Borough Market

Markets

She had some of the first rubarbh
of the season.
I was supposed to go to Istanbul last week and was all primed to tour exotic spice and fish markets, haggle over a kilim at the Grand Bazaar, get all nostalgic while I ate my old favorites of sigara boregi and coban salad, take a cooking class at their local culinary institute.  Alas, my husband’s schedule was changed at the very last moment, my heart broke just a little bit, but then I had to find a new itinerary for my week.  Instead of the colourful sights and smells of a city that bridges two continents, I would rediscover some of the nooks and crannies of my own city.
Borough Market on the Thames’ South Bank seemed the perfect place to pick up my shattered plan and I hadn’t visited it in a year.  It’s nestled underneath the labyrinth of brick arches that hold up the railway lines rumbling above and there has been a market of some kind or another here since 1014!  I made lists of things I needed, wanted, hoped I could find and set off Friday morning to see what treasures I might unearth on a beautiful Spring-like day.
Stacks of prepared grilled cheeses
waiting for the grill.
You know how you’re not supposed to go to the grocery store hungry? The same applies here, so my first stop was Kappacasein Dairy’s stall.  They sell 200 grilled cheese sandwiches on market day – a very simple but delicious formula: Montgomery Cheddar, Poilane sourdough bread, and a mix of finely chopped onions, leeks, and garlic.    I had paid my £5 and was waiting and soaking in the sunshine when I heard,  “Oh, my God! I haven’t had a grilled cheese in like, forever!”  I sighed to myself and was reminded why I haven’t been to Borough Market in a year.  Approaching the grilled cheese stall was a gaggle of young American girls in quilted Burberry jackets, Hunter wellingtons, and Ray Ban aviator sunglasses.  They all had long legs, long straight hair, big white teeth.  I know I’m an American, but inevitably, if I ever hear one person’s voice above the din of the crowd here, it’s an American.  These girls were no exception.  I quickly took my sandwich and scurried the other way.
While munching on the delicious cheesiness, I roamed around the market stalls deciding what I might come back to later and what was looking particularly fresh and/or intriguing.  I love watching the girls who work here in their big chunky sweaters, scarves wrapped around their necks and lots of jewellery, with their flushed cheeks and unruly hair.  Then there are their male counterparts who are sporting moustaches, big-framed glasses and skinny jeans.  This new generation of country, farming, artisan foodies stand in stark contrast to what are the traditional farming types here.  The more established generation have accents that would give Henry Higgins pause, their hands look like they’re actually out in the fields 365 days a year and there’s a no nonsense attitude when you deal with them.  While the foodie farmers have come up with good marketing strategies including appealing packaging and products for the foodie who doesn’t have time to cook for themselves, the traditionalists still holler out their prices and products to passer-bys and offer samples of their wares on toothpicks.

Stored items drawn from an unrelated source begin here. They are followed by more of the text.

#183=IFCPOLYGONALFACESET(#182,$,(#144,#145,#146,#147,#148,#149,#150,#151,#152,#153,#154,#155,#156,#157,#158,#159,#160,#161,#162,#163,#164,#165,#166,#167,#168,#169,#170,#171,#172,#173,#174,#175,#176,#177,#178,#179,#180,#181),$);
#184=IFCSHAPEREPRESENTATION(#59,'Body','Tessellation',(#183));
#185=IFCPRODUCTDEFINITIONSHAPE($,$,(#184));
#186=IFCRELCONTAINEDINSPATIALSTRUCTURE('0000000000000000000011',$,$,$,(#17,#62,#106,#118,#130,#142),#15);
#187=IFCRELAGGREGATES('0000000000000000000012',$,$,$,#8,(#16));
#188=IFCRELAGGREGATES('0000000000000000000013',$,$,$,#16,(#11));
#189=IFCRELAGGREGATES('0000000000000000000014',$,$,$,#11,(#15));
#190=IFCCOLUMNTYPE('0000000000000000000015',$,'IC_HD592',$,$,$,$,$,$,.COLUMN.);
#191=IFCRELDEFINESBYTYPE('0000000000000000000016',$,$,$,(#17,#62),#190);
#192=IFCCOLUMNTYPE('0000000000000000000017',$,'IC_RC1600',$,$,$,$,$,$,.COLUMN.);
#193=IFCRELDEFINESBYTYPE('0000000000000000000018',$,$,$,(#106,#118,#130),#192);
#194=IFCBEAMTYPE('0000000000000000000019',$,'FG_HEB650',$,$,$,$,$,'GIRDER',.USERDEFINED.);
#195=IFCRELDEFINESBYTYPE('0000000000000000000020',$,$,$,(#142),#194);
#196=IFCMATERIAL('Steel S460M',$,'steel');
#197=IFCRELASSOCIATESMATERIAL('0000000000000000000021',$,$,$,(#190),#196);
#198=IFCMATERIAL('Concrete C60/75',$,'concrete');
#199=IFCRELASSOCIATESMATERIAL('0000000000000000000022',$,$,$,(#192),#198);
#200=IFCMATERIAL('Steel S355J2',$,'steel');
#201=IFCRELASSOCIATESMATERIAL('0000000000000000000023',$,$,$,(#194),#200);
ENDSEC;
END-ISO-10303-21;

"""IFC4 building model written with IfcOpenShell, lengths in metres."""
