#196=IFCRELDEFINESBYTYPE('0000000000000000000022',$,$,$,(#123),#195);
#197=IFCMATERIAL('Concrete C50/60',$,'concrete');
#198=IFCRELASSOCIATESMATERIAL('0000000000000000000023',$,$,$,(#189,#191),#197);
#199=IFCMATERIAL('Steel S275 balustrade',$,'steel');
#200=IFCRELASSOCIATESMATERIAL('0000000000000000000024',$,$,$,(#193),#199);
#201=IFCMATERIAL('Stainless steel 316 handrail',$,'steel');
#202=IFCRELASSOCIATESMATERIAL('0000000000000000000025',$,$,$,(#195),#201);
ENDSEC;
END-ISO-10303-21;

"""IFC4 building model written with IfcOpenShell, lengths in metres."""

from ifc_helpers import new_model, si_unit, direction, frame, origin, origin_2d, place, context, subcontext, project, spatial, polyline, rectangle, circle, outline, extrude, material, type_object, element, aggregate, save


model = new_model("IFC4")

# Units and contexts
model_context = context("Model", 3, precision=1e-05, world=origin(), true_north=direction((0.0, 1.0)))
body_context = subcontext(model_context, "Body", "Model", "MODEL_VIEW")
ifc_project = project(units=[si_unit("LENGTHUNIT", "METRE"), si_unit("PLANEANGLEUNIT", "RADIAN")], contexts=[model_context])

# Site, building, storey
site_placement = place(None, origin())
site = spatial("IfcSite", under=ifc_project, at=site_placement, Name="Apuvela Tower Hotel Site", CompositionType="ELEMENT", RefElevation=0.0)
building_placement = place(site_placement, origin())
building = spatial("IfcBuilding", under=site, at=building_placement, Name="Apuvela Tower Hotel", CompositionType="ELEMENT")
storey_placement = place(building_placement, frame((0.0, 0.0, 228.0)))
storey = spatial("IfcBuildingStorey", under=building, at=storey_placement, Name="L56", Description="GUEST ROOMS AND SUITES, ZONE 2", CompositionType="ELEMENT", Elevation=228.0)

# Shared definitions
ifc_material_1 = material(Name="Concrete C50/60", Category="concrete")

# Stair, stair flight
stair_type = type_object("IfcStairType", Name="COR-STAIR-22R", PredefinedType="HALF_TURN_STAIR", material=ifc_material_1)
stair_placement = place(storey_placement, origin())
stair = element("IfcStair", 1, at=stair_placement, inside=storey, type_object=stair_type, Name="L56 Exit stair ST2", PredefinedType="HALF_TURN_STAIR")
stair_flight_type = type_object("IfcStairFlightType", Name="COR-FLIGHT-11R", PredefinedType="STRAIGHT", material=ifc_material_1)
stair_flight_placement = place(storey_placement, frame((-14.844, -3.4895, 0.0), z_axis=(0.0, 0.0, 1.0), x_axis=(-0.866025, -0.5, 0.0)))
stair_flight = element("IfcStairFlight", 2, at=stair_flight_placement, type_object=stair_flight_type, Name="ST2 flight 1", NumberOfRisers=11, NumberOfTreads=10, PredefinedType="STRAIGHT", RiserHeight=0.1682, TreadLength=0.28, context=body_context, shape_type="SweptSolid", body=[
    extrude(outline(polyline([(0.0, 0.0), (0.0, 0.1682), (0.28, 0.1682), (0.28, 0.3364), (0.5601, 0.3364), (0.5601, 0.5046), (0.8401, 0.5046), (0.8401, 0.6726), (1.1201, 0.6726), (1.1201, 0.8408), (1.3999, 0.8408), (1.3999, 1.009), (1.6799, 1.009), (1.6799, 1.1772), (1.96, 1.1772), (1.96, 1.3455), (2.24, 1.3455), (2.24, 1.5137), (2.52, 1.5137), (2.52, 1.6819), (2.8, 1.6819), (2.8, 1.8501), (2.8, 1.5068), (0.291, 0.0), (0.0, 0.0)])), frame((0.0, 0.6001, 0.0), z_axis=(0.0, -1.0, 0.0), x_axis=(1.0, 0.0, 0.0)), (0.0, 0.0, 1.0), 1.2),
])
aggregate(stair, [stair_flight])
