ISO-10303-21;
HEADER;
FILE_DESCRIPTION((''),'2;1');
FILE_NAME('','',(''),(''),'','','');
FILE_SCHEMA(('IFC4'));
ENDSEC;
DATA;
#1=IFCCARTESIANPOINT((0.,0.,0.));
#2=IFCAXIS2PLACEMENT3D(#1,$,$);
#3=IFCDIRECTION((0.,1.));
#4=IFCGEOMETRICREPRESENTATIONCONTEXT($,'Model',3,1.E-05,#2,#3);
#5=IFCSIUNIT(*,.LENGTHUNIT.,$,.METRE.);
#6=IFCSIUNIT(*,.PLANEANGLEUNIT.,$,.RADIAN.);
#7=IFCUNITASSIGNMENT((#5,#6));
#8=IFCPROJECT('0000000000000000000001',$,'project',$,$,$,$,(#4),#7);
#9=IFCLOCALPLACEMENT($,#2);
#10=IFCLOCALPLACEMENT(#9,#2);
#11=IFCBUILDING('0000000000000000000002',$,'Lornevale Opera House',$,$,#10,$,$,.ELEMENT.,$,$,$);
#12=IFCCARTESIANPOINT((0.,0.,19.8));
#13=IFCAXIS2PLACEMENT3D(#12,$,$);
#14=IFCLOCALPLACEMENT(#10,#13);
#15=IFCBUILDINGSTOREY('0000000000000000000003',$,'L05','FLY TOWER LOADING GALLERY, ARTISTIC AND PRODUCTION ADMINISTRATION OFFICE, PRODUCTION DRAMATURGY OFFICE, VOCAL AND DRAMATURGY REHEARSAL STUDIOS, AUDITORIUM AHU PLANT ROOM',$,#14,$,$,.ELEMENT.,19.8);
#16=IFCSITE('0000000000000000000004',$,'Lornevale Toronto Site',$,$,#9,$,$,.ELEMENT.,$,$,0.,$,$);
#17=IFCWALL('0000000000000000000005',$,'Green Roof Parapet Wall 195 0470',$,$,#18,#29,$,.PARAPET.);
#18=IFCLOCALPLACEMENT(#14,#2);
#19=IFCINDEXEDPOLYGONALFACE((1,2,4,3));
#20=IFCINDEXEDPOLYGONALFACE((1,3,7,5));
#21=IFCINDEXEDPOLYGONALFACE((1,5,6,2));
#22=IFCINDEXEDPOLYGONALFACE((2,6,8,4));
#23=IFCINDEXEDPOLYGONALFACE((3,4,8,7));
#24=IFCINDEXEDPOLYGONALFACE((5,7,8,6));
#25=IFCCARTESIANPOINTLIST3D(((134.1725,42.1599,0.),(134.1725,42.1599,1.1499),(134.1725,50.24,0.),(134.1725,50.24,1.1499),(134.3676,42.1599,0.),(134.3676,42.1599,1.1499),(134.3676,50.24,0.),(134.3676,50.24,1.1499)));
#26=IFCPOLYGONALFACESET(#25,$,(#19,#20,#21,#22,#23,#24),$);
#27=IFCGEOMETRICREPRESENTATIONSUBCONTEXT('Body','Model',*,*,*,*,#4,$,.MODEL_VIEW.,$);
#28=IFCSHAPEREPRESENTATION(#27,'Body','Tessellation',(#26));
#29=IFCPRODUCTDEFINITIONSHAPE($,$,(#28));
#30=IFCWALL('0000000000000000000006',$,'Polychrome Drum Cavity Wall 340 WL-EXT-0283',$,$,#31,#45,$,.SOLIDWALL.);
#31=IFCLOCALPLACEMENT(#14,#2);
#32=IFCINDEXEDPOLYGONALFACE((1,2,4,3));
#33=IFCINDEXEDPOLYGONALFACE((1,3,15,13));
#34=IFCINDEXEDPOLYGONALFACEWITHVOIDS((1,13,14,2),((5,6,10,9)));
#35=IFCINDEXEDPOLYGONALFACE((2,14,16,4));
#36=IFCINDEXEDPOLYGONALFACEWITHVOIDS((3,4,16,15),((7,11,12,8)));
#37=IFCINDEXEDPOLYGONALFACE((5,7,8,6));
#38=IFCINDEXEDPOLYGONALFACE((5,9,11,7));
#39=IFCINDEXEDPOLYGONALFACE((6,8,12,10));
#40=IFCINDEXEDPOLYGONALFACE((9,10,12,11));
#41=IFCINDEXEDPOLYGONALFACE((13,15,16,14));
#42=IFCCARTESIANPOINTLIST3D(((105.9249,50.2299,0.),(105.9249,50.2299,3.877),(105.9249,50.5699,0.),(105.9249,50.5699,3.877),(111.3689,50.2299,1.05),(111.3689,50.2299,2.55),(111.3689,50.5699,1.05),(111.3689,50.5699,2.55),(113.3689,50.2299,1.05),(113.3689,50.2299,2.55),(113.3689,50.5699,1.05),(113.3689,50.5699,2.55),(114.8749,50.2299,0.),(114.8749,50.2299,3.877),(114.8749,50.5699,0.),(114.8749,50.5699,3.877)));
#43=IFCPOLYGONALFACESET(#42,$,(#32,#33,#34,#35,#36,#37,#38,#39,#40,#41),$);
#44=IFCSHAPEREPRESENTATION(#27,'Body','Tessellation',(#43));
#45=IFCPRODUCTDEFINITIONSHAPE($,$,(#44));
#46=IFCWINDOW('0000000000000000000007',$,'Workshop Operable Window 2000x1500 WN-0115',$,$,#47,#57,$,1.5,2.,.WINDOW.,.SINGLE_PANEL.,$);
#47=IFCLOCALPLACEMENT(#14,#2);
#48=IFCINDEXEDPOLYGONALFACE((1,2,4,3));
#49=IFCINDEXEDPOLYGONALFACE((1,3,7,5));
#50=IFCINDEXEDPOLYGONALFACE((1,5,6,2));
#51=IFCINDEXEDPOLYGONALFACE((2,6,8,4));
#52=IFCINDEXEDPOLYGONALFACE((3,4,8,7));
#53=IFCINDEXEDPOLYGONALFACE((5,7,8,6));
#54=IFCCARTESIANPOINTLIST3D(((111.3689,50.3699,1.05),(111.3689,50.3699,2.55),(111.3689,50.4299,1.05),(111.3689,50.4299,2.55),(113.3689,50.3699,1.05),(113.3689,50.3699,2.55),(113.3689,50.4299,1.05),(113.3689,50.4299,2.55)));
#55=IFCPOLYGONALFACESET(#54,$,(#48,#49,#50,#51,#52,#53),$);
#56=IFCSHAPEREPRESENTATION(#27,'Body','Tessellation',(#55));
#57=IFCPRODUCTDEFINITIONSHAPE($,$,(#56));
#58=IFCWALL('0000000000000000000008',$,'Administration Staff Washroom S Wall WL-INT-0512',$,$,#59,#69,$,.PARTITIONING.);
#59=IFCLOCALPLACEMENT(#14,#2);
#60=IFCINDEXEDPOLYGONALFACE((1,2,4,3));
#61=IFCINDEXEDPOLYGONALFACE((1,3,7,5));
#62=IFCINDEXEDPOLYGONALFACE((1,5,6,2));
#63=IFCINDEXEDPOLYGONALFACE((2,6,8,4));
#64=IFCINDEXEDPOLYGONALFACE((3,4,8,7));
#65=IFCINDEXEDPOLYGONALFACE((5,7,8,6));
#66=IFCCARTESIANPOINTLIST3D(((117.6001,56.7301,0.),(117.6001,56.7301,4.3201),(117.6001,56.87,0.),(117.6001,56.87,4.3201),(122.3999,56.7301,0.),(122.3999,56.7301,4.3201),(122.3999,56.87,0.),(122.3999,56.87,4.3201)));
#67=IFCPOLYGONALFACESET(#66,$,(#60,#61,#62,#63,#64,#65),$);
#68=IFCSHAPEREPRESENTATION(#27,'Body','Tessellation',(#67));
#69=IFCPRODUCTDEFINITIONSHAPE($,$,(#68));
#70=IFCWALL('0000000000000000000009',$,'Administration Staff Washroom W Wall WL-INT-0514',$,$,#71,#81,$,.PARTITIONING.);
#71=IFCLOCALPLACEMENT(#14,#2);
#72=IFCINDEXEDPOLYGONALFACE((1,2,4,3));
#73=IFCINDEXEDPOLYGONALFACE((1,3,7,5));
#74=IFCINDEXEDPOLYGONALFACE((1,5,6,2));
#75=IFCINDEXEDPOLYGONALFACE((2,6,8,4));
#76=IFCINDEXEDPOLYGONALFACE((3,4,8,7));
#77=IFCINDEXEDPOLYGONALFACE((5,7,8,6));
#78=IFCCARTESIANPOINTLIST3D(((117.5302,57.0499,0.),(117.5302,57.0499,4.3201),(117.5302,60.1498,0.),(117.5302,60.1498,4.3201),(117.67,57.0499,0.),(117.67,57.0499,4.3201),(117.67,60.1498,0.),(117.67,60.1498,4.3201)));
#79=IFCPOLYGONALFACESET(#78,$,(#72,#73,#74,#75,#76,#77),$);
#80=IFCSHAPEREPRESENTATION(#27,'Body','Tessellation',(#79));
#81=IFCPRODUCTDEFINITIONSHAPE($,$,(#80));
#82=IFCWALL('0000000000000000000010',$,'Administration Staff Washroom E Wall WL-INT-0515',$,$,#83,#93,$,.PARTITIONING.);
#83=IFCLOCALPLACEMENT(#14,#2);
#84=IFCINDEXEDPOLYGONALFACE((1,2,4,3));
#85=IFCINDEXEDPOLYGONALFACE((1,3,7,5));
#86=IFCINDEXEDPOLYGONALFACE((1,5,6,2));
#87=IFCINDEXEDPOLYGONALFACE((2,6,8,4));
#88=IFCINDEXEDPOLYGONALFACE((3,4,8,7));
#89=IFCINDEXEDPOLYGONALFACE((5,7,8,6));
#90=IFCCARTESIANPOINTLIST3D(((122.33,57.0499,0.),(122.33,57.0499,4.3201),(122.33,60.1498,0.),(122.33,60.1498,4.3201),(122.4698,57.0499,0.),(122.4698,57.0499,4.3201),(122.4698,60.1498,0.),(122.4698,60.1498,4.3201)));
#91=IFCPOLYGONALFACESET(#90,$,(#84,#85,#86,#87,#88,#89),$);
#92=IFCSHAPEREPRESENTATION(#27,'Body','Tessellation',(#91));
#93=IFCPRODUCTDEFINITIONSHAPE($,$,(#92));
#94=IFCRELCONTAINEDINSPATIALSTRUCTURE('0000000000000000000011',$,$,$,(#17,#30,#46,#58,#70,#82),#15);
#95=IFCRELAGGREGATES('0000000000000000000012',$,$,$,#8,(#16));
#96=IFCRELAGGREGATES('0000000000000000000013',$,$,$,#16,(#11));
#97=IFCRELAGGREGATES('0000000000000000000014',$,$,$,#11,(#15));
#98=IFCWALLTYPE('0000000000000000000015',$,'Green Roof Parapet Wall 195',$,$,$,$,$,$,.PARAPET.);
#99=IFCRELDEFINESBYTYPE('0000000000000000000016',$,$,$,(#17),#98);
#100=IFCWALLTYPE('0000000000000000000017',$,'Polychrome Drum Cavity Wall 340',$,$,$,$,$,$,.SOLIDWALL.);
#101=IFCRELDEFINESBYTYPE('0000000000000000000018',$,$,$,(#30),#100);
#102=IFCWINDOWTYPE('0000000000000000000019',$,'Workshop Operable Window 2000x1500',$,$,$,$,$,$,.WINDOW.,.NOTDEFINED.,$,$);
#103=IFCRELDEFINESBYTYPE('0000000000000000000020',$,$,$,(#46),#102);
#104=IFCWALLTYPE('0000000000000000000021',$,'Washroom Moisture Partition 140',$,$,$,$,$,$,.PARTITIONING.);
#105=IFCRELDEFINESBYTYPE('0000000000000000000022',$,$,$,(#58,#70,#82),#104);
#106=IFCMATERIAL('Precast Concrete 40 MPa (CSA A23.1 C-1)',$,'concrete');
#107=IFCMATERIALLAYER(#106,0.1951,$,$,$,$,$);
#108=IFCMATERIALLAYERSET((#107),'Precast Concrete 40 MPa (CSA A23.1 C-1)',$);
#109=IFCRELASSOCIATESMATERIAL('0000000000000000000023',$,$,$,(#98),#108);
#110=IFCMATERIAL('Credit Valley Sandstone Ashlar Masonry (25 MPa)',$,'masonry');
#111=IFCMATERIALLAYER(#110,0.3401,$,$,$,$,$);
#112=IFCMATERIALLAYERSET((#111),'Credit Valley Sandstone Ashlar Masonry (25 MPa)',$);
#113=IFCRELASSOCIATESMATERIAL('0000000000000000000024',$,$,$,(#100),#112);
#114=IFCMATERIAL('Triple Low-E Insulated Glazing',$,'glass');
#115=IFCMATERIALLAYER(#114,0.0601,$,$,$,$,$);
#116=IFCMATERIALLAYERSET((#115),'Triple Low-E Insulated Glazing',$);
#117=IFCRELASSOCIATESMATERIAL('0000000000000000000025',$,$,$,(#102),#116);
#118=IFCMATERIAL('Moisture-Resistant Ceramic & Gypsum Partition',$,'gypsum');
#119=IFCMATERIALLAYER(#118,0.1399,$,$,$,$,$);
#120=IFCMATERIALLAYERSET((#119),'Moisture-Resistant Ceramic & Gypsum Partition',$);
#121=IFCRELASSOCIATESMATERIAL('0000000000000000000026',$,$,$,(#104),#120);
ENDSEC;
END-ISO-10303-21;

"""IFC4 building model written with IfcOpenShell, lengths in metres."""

from ifc_helpers import new_model, si_unit, direction, frame, frame_2d, origin, place, context, subcontext, project, spatial, rectangle, extrude, material, layer, layer_set, type_object, element, fill, save


model = new_model("IFC4")

# Units and contexts
model_context = context("Model", 3, precision=1e-05, world=origin(), true_north=direction((0.0, 1.0)))
body_context = subcontext(model_context, "Body", "Model", "MODEL_VIEW")
ifc_project = project(units=[si_unit("LENGTHUNIT", "METRE"), si_unit("PLANEANGLEUNIT", "RADIAN")], contexts=[model_context])

# Site, building, storey
site_placement = place(None, origin())
site = spatial("IfcSite", under=ifc_project, at=site_placement, Name="Lornevale Toronto Site", CompositionType="ELEMENT", RefElevation=0.0)
building_placement = place(site_placement, origin())
building = spatial("IfcBuilding", under=site, at=building_placement, Name="Lornevale Opera House", CompositionType="ELEMENT")
storey_placement = place(building_placement, frame((0.0, 0.0, 19.8)))
storey = spatial("IfcBuildingStorey", under=building, at=storey_placement, Name="L05", Description="FLY TOWER LOADING GALLERY, ARTISTIC AND PRODUCTION ADMINISTRATION OFFICE, PRODUCTION DRAMATURGY OFFICE, VOCAL AND DRAMATURGY REHEARSAL STUDIOS, AUDITORIUM AHU PLANT ROOM", CompositionType="ELEMENT", Elevation=19.8)

# Shared definitions
ifc_material_1 = material(Name="Triple Low-E Insulated Glazing", Category="glass")

# Wall
ifc_material_2 = material(Name="Precast Concrete 40 MPa (CSA A23.1 C-1)", Category="concrete")
ifc_layer_1 = layer(ifc_material_2, 0.1951)
ifc_layer_set_1 = layer_set([ifc_layer_1], Name="Precast Concrete 40 MPa (CSA A23.1 C-1)")
wall_type_1 = type_object("IfcWallType", Name="Green Roof Parapet Wall 195", PredefinedType="PARAPET", material=ifc_layer_set_1)
wall_1_placement = place(storey_placement, frame((134.27, 50.24, 0.0), z_axis=(0.0, 0.0, 1.0), x_axis=(0.0, -1.0, 0.0)))
element("IfcWall", 1, at=wall_1_placement, inside=storey, type_object=wall_type_1, Name="Green Roof Parapet Wall 195 0470", PredefinedType="PARAPET", context=body_context, shape_type="SweptSolid", body=[
    extrude(rectangle(XDim=8.0801, YDim=0.1951, at=frame_2d((4.04, 0.0))), origin(), (0.0, 0.0, 1.0), 1.1499),
])

# Wall, opening, window
ifc_material_3 = material(Name="Credit Valley Sandstone Ashlar Masonry (25 MPa)", Category="masonry")
ifc_layer_2 = layer(ifc_material_3, 0.3401)
ifc_layer_set_2 = layer_set([ifc_layer_2], Name="Credit Valley Sandstone Ashlar Masonry (25 MPa)")
wall_type_2 = type_object("IfcWallType", Name="Polychrome Drum Cavity Wall 340", PredefinedType="SOLIDWALL", material=ifc_layer_set_2)
wall_2_placement = place(storey_placement, frame((114.875, 50.3999, 0.0), z_axis=(0.0, 0.0, 1.0), x_axis=(-1.0, 0.0, 0.0)))
wall_2 = element("IfcWall", 2, at=wall_2_placement, inside=storey, type_object=wall_type_2, Name="Polychrome Drum Cavity Wall 340 WL-EXT-0283", PredefinedType="SOLIDWALL", context=body_context, shape_type="SweptSolid", body=[
    extrude(rectangle(XDim=8.95, YDim=0.3401, at=frame_2d((4.4751, 0.0))), origin(), (0.0, 0.0, 1.0), 3.877),
])
opening_1_placement = place(wall_2_placement, frame((1.5061, 0.0, 1.05)))
opening_1 = element("IfcOpeningElement", 3, at=opening_1_placement, cuts=wall_2, PredefinedType="OPENING", context=body_context, shape_type="SweptSolid", body=[
    extrude(rectangle(XDim=2.0, YDim=1.5, at=frame_2d((1.0, 0.75))), frame((0.0, 0.1799, 0.0), z_axis=(0.0, -1.0, 0.0), x_axis=(1.0, 0.0, 0.0)), (0.0, 0.0, 1.0), 0.3601),
])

Too quickly I finished my sandwich and too quickly the crowds were swarming into the market.  I heard lots of Spanish and Italian, lots of American accents, lots of Eastern European languages.  It started to bum me out and it also explains why the newly opened Jubilee section of the market, which I was hoping would have a huge variety of new fruit and veg stalls, is devoted almost entirely to pre-made food products like jams, candies, chutneys, spice mixtures.  It’s all portable and non-perishable for the many tourists jamming the aisles and stopping in large groups making it difficult for any real shopping to get done.
Neil’s Yard Dairy.
I slipped into Neil’s Yard Dairy on Park Street and gleefully inhaled.  Cheese!  My sense of purpose returned and I started sampling and chatting with the girl behind the counter.  I settled on three: Brother Michael, a semi-soft rind washed cow’s cheese; Innes Log, an unpasteurized goat’s cheese from Staffordshire; Tunworth a camembert-style cow’s milk cheese from Hampshire.  With these three stinky gems in my bag, the entire tone of my day picked up.  I quickly found the blue eggs I was looking for, some beef short ribs to have in the freezer just in case, a handful of wild mushrooms, and some golden beets.
Pleased with myself and my purchases, I made my way back to the tube, and while it wasn’t Istanbul, there is something lovely about knowing this is just a short ride away from home and I can satisfy my food geek any time I like.  It’s not a farmers’ market for your weekly shop, but it’s a circus-like celebration of the bounty of the English countryside and the people who care for it, that reinvigorates me as I plan what to cook, yet again.